TV review: Jerry Springer documentary goes behind the onstage brawls
The late Jerry Springer, on stage set in Stamford, CT, Tuesday October 4, 2016. (Photo by Howard Simmons/NY Daily News Archive via Getty Images)
I never knew Jerry Springer was Mayor of Cincinnati. Or that this icon of daytime TV started life as a dull chat show which was about to be cancelled before it pivoted to featuring a man who married a Shetland pony.
There’s that, and lots more, in
Richard Dominick is the secret sauce. The man who wrote crazy headlines for tabloids was hired as executive producer and set about persuading Jerry to let his hair down and do a two in the morning kind of show.
Dominick’s idea was that it should be ‘interesting with the sound off’. He also told the stage manager to get the audience chanting ‘Jerry’ when the host came out.
Springer died in 2023 so we don’t get to hear his side, but it’s enjoyable watching Dominick blowing his own trumpet. (That sounds like a slot on the show, says you.)
But Springer was the key to the show’s appeal. He was calm and a bit aloof, in contrast to the guests and the whooped-up audience.

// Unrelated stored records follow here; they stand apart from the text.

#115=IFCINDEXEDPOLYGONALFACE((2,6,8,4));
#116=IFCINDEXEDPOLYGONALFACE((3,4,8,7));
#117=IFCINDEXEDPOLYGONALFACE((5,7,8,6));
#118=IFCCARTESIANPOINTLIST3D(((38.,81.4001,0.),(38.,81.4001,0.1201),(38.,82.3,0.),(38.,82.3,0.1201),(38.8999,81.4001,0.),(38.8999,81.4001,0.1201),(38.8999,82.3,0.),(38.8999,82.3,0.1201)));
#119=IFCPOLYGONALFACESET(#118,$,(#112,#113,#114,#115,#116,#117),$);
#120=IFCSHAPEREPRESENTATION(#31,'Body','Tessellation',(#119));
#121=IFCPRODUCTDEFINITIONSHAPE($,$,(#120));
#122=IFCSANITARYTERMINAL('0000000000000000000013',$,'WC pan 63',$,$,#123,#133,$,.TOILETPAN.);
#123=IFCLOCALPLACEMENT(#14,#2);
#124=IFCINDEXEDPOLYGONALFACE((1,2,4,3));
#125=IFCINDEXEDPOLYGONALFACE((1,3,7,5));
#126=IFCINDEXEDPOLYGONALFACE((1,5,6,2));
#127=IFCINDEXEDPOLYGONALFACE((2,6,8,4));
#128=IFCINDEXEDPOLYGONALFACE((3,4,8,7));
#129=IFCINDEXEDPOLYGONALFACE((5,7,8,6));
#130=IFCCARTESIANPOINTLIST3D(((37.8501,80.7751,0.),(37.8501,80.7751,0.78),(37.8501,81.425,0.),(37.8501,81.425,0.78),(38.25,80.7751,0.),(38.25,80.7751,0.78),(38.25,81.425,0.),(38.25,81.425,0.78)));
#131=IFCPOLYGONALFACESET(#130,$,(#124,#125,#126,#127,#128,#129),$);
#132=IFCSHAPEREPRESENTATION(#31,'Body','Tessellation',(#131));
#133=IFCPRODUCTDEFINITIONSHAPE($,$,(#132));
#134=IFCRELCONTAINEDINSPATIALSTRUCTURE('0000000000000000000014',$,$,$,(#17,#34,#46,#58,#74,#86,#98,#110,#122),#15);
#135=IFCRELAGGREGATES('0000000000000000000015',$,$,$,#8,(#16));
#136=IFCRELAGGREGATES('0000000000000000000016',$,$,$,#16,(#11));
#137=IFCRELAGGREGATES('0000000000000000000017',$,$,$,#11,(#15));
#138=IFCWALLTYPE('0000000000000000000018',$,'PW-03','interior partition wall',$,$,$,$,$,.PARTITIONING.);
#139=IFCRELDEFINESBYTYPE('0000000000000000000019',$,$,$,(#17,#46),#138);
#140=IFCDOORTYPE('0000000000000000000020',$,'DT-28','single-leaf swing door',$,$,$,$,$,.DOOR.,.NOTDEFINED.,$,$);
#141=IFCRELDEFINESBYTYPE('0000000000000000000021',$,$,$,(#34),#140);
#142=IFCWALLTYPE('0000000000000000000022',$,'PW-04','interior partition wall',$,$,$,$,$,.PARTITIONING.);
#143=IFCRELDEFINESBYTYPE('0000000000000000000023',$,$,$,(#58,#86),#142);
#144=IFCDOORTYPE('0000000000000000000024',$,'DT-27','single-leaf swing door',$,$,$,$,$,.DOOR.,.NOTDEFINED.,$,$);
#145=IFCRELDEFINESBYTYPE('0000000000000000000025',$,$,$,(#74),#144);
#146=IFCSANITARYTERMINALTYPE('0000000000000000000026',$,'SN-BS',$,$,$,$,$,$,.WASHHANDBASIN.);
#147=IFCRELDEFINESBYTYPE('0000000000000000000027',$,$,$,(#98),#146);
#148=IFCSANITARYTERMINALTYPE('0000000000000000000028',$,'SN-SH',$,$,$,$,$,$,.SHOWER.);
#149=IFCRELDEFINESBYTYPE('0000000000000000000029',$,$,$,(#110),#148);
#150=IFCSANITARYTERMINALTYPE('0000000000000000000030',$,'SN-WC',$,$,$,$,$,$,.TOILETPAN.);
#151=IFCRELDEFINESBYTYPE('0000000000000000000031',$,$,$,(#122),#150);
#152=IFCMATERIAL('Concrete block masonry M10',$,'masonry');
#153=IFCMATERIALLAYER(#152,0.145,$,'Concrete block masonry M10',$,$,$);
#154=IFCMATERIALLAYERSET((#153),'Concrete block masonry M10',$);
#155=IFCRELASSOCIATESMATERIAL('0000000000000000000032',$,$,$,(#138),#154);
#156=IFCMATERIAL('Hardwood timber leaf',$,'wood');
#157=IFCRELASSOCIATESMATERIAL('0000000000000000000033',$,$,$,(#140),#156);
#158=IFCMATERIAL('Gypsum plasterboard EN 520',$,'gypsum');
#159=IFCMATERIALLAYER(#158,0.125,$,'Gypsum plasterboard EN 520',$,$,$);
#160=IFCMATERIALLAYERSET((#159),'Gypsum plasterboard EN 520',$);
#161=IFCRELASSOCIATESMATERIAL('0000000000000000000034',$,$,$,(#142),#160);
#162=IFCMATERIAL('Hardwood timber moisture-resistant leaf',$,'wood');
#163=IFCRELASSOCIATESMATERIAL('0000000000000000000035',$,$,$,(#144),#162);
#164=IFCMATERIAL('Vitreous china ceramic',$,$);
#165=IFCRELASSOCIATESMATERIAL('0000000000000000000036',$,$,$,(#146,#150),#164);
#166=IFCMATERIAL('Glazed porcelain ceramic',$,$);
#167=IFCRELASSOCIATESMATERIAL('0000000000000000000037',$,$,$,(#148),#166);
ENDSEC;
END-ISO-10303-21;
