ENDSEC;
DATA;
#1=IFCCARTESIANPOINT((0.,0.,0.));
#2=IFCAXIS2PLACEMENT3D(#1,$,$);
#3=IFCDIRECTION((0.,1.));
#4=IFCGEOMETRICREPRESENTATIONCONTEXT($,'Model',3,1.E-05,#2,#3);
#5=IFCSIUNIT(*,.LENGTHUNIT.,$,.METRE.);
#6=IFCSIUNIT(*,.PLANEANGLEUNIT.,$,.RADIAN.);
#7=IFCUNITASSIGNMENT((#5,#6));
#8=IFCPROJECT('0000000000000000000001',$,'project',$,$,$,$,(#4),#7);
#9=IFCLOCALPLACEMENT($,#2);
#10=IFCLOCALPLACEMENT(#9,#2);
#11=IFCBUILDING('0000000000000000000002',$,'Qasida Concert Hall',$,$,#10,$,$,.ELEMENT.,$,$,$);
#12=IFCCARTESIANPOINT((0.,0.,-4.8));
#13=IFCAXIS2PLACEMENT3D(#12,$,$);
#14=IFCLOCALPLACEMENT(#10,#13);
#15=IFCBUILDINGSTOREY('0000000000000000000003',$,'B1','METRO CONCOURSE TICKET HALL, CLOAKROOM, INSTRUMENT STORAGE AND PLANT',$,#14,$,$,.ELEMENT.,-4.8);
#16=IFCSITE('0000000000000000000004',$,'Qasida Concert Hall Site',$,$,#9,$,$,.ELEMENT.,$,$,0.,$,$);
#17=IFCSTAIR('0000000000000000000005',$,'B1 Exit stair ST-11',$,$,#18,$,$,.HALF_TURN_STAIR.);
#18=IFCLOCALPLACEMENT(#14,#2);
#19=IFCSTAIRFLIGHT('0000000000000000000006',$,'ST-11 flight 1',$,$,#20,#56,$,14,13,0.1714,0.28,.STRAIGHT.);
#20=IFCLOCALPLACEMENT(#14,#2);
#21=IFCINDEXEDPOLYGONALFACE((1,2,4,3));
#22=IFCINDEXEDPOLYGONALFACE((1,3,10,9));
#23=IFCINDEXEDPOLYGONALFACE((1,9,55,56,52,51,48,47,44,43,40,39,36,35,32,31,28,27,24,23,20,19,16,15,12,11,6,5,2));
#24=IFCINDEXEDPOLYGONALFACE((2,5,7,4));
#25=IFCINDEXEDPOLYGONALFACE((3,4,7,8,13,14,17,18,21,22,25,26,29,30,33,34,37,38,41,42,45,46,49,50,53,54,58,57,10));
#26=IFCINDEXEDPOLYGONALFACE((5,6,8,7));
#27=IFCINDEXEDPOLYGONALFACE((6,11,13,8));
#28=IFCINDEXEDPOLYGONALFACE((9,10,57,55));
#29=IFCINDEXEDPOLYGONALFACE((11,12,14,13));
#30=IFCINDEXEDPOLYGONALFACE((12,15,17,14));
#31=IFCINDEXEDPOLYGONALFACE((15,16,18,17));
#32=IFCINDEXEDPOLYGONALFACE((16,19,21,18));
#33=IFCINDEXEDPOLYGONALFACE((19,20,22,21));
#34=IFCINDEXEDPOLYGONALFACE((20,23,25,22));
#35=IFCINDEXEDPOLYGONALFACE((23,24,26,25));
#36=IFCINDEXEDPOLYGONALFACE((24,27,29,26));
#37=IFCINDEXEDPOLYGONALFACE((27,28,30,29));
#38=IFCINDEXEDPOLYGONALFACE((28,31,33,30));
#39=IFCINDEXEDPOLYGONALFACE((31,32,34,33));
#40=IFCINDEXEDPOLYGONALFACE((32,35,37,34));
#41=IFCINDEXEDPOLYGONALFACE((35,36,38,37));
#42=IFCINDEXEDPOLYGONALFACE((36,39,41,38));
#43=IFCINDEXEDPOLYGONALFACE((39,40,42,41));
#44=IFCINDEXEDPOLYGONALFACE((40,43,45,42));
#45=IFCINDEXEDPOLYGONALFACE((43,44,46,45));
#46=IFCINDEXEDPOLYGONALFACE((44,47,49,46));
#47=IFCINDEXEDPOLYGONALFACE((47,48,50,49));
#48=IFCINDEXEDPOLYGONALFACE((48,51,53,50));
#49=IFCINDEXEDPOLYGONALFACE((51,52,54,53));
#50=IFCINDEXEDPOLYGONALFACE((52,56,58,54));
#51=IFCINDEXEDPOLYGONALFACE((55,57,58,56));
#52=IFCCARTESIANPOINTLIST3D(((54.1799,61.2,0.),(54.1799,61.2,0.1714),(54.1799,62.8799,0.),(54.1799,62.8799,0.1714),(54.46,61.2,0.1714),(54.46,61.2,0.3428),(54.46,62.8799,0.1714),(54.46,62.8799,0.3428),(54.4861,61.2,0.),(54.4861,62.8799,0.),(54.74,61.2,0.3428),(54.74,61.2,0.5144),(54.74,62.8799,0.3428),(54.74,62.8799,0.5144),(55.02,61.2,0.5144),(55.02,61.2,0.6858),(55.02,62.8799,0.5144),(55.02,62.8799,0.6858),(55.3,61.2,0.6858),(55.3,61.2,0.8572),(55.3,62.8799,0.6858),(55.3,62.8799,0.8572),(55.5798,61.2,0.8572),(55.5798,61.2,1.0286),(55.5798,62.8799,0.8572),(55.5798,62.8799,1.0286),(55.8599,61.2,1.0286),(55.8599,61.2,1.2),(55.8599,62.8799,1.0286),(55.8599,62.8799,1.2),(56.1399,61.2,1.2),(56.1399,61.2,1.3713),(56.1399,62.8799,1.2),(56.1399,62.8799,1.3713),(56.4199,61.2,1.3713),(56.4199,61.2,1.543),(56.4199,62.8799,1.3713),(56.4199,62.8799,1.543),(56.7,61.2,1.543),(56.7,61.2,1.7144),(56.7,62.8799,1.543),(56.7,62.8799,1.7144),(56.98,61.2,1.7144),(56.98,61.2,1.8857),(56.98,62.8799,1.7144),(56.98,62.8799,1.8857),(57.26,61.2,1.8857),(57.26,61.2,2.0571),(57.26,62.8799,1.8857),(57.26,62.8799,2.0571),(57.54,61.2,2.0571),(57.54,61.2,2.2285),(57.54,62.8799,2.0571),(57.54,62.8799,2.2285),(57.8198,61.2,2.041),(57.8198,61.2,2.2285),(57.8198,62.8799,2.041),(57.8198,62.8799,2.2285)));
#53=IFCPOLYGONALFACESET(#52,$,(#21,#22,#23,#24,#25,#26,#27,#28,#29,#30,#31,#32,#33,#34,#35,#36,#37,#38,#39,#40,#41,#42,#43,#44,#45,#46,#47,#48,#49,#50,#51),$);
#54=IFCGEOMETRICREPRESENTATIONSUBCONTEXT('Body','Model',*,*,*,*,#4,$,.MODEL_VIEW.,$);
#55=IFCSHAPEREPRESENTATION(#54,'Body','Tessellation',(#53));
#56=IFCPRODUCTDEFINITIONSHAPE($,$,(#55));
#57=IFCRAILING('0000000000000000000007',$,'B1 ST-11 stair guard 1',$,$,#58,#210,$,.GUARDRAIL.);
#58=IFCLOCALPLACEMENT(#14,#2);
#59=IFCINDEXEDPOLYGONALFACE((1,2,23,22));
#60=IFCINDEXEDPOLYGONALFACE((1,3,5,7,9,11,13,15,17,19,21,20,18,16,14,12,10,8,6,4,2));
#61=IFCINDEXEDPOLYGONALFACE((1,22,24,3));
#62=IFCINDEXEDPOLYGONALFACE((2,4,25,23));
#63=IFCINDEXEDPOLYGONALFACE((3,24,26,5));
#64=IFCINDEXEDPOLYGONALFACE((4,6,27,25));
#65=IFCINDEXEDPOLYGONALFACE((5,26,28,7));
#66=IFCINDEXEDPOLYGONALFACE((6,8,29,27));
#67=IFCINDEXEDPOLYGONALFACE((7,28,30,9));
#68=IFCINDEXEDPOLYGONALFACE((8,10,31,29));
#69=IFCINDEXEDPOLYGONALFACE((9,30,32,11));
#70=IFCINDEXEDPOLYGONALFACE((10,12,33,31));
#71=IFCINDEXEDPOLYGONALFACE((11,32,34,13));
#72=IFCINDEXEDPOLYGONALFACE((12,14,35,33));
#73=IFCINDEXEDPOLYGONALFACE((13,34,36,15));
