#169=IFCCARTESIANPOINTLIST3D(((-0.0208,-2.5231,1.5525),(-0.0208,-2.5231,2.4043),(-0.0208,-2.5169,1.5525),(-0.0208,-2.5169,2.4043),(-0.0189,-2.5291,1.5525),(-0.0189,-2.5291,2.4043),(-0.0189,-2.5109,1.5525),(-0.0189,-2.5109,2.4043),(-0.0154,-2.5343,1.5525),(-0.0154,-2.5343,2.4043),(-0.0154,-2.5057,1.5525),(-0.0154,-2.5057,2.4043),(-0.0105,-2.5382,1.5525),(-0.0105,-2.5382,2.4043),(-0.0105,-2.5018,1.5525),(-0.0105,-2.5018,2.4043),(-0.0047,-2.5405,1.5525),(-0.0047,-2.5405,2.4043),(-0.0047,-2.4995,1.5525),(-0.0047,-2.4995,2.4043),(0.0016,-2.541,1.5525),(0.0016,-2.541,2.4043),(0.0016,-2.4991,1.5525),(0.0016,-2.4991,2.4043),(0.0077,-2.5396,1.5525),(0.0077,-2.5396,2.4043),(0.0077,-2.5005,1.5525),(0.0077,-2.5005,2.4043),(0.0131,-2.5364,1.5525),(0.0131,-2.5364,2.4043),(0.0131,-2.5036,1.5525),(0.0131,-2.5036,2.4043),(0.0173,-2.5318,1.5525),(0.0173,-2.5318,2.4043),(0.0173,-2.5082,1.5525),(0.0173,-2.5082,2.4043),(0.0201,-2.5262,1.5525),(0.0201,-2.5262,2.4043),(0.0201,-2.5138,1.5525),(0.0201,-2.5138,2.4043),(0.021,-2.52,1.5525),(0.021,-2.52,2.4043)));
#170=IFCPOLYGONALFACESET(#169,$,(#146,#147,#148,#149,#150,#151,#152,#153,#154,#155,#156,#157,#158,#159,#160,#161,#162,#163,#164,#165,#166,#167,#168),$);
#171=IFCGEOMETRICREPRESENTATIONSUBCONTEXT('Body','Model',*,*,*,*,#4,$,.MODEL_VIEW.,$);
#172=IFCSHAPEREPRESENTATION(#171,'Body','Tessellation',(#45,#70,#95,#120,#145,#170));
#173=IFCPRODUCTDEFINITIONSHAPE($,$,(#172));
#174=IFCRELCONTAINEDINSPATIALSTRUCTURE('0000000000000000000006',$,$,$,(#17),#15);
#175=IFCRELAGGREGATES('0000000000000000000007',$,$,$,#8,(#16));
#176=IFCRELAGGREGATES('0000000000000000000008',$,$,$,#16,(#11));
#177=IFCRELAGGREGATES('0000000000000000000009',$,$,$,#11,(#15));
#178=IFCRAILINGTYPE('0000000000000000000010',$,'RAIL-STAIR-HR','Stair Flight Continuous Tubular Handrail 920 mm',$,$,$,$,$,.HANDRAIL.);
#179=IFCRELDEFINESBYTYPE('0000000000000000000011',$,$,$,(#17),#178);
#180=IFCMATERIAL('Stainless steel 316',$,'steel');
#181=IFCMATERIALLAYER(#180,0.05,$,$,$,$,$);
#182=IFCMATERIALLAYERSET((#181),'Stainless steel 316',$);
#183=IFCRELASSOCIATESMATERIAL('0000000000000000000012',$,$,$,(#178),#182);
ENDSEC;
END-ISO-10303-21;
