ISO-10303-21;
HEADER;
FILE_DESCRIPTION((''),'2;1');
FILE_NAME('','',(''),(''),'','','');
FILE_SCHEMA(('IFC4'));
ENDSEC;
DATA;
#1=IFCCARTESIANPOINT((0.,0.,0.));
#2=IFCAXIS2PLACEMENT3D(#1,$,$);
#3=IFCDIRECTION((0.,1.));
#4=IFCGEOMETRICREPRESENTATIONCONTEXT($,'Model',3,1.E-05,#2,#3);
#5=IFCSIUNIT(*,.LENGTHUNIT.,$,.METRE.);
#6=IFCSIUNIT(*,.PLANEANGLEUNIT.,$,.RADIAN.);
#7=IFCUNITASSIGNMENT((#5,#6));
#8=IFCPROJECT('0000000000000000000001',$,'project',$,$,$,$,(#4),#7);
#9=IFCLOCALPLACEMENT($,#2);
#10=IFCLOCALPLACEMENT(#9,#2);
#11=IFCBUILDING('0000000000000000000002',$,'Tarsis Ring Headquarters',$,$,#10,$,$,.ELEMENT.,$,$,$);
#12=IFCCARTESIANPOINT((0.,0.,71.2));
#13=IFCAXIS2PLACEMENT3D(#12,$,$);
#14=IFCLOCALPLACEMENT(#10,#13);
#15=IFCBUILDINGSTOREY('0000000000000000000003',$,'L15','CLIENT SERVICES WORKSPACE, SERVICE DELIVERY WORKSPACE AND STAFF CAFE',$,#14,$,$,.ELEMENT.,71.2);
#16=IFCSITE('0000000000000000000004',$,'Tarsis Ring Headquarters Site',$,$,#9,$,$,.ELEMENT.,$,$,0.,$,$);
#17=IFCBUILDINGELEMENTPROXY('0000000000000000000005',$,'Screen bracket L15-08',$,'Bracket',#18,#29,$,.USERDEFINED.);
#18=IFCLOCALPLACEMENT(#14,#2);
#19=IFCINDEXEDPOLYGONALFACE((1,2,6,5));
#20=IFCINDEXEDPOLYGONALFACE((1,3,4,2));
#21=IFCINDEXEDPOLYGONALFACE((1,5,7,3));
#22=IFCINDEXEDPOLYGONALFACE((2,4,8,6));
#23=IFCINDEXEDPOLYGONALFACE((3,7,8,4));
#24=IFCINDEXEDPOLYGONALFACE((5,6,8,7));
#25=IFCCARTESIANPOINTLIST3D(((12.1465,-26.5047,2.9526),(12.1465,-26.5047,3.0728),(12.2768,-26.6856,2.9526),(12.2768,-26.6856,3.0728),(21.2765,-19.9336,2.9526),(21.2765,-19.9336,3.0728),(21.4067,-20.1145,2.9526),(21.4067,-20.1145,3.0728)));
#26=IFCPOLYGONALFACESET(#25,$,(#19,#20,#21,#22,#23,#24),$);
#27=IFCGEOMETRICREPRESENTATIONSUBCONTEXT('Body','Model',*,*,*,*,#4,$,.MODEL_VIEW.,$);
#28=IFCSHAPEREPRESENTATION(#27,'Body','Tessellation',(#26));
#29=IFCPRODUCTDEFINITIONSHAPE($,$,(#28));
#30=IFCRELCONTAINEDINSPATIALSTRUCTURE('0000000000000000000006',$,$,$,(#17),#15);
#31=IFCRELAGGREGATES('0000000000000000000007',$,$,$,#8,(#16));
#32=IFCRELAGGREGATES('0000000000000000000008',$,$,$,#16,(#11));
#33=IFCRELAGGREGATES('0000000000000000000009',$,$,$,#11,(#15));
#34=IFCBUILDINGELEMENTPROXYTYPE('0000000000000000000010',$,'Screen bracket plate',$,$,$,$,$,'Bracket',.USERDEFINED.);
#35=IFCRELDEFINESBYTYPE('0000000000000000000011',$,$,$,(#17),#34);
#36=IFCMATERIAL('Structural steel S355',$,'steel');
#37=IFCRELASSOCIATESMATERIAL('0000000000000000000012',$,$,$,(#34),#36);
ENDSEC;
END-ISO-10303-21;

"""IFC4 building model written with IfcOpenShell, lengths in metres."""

from ifc_helpers import new_model, si_unit, direction, frame, origin, origin_2d, place, context, subcontext, project, spatial, rectangle, extrude, material, type_object, element, save


model = new_model("IFC4")

# Units and contexts
model_context = context("Model", 3, precision=1e-05, world=origin(), true_north=direction((0.0, 1.0)))
body_context = subcontext(model_context, "Body", "Model", "MODEL_VIEW")
ifc_project = project(units=[si_unit("LENGTHUNIT", "METRE"), si_unit("PLANEANGLEUNIT", "RADIAN")], contexts=[model_context])

# Site, building, storey
site_placement = place(None, origin())
site = spatial("IfcSite", under=ifc_project, at=site_placement, Name="Tarsis Ring Headquarters Site", CompositionType="ELEMENT", RefElevation=0.0)
building_placement = place(site_placement, origin())
building = spatial("IfcBuilding", under=site, at=building_placement, Name="Tarsis Ring Headquarters", CompositionType="ELEMENT")
storey_placement = place(building_placement, frame((0.0, 0.0, 71.2)))
storey = spatial("IfcBuildingStorey", under=building, at=storey_placement, Name="L15", Description="CLIENT SERVICES WORKSPACE, SERVICE DELIVERY WORKSPACE AND STAFF CAFE", CompositionType="ELEMENT", Elevation=71.2)

# Shared definitions
ifc_material_1 = material(Name="Structural steel S355", Category="steel")

# Building element proxy
building_element_proxy_type = type_object("IfcBuildingElementProxyType", Name="Screen bracket plate", ElementType="Bracket", PredefinedType="USERDEFINED", material=ifc_material_1)
proxy_placement = place(storey_placement, frame((16.7766, -23.3096, 2.9526), z_axis=(0.0, 0.0, 1.0), x_axis=(0.811637, 0.584162, 0.0)))
element("IfcBuildingElementProxy", 1, at=proxy_placement, inside=storey, type_object=building_element_proxy_type, Name="Screen bracket L15-08", ObjectType="Bracket", PredefinedType="USERDEFINED", context=body_context, shape_type="SweptSolid", body=[
    extrude(rectangle(XDim=11.2488, YDim=0.2229, at=origin_2d()), origin(), (0.0, 0.0, 1.0), 0.1201),
])

save(model, "model.ifc")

It wasn’t all men who slept with their mother-in-laws. One show here starts with Jerry offering to reform a member of the Ku Klux Klan.
The guy comes out and starts chanting about Jews and African-American ‘slaves’, throwing Nazi salutes at the audience.
Jerry then brings out a Jewish man and his bodyguards and we have a brawl on stage.
The ratings were ‘insane’ and Richard Dominick saw the future.
As someone says here, it became a talk show with very little talking. Now it was fighting and shouting. And everyone loved it.
Wrestling with civilians. It met some ‘down with this sort of thing’ protests, which only added to the allure.
The conscience of this documentary is a producer called Toby Yoshimura, a bright guy with an eye for the freaky stories that would keep people watching.
He relays how producers gave guests the limousine with expensive hotel experience, filling them with drink before bringing them into the studio, coaching them all the way to make sure they went ballistic in front of Jerry.
It’s not all light entertainment. Some guests felt that Jerry would help them sort out their issues.
The show makers were interested in ratings. So there was plenty of exploitation.
But no one kidnapped guests and brought them on stage – they rang in and offered up their private lives in return for fame and notoriety.
Both sides are offered here. Entertainment or exploitation.
There is a dramatic twist at the end of the first of two episodes that might sway your opinion. Either way, this documentary is a superb watch.